Step 2: Propose the Exponential Form
From the condition f(x + y) = f(x)\,f(y) , we assume a solution of the form
f(x) = a^x \text{ for some constant }a \neq 0.
Step 3: Use the Given Derivative Information
We know f is differentiable at x = 0 and f'(0) = 3 . First, compute the derivative of f(x) in the proposed form:
f(x) = a^x \quad \Longrightarrow \quad f'(x) = a^x \ln(a).
In particular, at x = 0 ,
f'(0) = a^0 \ln(a) = \ln(a).
Since f'(0) = 3 , we get
\ln(a) = 3 \quad \Longrightarrow \quad a = e^3.

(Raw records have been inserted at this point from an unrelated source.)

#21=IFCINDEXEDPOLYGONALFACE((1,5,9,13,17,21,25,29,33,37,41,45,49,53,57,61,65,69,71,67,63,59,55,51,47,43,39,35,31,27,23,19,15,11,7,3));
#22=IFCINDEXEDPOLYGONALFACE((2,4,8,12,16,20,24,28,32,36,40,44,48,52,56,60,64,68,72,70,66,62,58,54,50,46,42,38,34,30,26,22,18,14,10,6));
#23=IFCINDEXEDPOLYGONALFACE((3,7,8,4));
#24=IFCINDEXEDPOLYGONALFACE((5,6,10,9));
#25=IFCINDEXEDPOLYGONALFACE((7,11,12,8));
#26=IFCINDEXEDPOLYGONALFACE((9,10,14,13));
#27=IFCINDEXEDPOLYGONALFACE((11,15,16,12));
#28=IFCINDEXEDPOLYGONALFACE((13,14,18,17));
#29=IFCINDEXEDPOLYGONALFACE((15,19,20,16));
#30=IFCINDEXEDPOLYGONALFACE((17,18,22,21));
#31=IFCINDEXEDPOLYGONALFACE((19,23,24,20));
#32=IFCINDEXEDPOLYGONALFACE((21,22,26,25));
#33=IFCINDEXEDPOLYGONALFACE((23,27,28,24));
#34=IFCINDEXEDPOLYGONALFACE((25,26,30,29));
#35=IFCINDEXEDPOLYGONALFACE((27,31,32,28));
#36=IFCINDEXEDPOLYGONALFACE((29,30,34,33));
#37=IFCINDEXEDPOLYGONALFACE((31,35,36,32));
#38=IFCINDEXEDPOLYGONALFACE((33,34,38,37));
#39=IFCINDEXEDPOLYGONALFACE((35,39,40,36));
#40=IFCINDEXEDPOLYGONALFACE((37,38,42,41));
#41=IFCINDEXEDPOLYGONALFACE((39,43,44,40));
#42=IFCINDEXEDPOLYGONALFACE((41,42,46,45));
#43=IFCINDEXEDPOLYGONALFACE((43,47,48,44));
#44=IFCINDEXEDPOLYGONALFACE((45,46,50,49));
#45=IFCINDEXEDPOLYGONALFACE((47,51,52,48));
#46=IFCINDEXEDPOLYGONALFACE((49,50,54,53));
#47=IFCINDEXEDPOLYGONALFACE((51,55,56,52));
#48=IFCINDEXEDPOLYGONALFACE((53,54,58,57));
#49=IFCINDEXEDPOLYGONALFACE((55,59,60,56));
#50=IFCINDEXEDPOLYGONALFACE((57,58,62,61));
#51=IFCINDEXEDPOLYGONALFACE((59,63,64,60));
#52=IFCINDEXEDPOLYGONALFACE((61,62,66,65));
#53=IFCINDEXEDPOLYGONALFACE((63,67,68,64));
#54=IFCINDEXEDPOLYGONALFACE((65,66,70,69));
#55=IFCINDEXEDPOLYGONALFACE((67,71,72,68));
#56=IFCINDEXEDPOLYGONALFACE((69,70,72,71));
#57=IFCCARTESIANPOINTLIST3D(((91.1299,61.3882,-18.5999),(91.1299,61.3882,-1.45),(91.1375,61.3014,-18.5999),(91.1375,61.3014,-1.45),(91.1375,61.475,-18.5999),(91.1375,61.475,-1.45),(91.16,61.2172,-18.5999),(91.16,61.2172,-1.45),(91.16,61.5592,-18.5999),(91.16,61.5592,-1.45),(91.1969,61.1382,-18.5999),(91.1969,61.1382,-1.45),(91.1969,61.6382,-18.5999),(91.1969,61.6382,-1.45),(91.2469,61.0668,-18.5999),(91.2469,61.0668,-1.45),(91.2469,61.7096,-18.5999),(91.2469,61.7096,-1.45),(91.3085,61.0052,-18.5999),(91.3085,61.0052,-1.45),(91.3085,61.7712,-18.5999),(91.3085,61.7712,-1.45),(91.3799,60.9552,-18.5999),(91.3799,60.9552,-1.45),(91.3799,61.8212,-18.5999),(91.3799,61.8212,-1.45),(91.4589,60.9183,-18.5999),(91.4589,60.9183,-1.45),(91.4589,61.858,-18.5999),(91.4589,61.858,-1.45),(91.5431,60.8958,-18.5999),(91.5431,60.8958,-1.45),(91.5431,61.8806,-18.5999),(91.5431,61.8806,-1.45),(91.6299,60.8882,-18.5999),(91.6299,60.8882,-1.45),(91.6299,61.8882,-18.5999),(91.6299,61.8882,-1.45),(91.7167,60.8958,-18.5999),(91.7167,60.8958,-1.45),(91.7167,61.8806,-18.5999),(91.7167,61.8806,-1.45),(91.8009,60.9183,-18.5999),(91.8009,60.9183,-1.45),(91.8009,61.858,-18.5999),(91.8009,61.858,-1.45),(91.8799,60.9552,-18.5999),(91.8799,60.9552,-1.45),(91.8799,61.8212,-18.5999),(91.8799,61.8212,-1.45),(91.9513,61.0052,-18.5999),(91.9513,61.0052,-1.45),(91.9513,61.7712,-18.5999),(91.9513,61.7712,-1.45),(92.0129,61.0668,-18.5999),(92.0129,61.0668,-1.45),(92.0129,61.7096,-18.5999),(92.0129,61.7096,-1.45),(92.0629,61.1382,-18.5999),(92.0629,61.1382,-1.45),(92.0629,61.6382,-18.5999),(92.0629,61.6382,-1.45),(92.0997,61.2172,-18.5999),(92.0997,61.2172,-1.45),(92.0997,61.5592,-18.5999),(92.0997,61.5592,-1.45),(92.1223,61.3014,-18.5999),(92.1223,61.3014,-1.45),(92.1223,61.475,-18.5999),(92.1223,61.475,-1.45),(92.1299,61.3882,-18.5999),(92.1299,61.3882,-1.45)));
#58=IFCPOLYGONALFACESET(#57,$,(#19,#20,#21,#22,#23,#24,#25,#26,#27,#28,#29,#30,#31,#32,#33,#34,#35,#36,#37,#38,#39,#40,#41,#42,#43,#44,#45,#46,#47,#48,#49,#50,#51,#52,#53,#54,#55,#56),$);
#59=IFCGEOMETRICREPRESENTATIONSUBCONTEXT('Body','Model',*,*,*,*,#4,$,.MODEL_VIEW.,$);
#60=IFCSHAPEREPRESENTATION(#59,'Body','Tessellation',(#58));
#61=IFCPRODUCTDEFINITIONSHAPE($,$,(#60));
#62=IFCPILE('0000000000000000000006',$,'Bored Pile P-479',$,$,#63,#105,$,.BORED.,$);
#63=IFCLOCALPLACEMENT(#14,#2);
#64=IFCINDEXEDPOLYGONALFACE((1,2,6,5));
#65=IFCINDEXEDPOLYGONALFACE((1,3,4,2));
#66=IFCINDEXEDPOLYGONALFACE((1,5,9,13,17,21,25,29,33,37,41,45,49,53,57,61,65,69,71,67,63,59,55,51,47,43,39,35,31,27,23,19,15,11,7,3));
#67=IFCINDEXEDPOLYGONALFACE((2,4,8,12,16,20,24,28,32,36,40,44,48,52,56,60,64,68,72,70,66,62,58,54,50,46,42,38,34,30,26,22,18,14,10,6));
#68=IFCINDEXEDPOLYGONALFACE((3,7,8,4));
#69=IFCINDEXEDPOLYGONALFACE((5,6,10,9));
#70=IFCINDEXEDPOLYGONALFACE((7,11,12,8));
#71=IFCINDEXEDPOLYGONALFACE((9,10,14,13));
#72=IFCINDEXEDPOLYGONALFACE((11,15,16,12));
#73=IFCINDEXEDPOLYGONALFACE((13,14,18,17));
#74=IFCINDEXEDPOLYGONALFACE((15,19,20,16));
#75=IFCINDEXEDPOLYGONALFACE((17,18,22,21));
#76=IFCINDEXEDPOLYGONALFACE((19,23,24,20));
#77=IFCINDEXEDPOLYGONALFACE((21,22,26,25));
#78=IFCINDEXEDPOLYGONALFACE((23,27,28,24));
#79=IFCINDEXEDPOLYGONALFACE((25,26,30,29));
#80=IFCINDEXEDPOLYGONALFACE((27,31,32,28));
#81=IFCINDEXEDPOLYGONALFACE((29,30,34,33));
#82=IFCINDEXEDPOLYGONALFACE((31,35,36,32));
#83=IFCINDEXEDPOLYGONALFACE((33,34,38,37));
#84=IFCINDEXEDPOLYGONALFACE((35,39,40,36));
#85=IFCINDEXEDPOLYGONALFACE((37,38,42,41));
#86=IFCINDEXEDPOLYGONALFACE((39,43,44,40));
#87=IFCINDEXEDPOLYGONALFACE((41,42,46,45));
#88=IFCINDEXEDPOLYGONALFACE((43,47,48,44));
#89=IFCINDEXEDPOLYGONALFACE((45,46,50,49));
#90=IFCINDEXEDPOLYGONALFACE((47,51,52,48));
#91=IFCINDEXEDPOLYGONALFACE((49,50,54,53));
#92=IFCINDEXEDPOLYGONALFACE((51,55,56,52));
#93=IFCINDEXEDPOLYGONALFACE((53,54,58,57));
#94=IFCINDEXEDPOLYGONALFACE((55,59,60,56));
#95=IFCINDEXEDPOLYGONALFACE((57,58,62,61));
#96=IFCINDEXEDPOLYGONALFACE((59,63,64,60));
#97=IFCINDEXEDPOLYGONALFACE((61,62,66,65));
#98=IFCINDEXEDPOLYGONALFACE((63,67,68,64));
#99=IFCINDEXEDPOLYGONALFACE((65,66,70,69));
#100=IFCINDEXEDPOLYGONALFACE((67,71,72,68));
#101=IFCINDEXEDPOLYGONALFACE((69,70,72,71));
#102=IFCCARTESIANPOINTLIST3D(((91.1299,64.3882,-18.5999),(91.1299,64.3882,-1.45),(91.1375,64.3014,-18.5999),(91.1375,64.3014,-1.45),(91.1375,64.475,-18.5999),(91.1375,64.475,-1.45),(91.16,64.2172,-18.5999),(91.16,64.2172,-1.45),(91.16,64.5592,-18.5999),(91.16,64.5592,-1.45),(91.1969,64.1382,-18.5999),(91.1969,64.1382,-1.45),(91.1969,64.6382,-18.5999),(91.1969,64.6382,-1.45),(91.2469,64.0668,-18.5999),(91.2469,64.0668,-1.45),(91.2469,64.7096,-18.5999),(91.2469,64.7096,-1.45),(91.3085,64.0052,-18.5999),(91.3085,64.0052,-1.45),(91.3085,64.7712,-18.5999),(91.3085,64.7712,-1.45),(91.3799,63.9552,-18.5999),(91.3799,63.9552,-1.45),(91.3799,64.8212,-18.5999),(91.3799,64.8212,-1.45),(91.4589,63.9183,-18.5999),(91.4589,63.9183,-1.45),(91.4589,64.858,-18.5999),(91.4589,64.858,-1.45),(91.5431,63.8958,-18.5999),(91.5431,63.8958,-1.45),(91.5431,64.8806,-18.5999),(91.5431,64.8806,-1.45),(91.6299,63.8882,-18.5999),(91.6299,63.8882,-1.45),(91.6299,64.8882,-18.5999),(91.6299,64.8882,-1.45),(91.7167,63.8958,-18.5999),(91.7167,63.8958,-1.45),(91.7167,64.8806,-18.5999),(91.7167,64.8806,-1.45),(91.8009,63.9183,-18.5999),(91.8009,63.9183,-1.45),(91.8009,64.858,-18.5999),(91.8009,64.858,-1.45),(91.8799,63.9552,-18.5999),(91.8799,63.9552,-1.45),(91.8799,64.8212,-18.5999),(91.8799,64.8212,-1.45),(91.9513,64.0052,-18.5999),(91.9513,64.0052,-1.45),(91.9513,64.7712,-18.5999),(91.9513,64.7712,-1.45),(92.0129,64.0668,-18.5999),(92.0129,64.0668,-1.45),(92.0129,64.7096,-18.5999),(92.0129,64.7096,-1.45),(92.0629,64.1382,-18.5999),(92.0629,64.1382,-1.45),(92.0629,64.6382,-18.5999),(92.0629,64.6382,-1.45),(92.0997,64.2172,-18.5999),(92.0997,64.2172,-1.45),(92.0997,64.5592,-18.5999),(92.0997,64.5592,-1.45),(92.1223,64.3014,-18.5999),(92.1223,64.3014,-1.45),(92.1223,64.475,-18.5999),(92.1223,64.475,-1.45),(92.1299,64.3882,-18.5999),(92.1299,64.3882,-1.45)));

Step 4: Rewrite f(x) and Evaluate the Limit
With a = e^3 , the function becomes
f(x) = (e^3)^x = e^{3x}.
Hence,
f(h) = e^{3h}.
We need to find
\displaystyle \lim_{h \to 0} \frac{f(h) - 1}{h}
= \lim_{h \to 0} \frac{e^{3h} - 1}{h}.
Step 5: Compute the Limit
Recall the standard limit
\displaystyle \lim_{u \to 0} \frac{e^u - 1}{u} = 1.
In our case, let u = 3h , so as h \to 0 , we also have u \to 0 . Then,
\[
\lim_{h \to 0} \frac{e^{3h} - 1}{h}
= \lim_{h \to 0} \Biggl(\frac{e^{3h} - 1}{3h} \times 3\Biggr)
= 3 \times \lim_{h \to 0} \frac{e^{3h} - 1}{3h}
= 3 \times 1
= 3.
\]
Therefore, the value of the limit is \boxed{3}.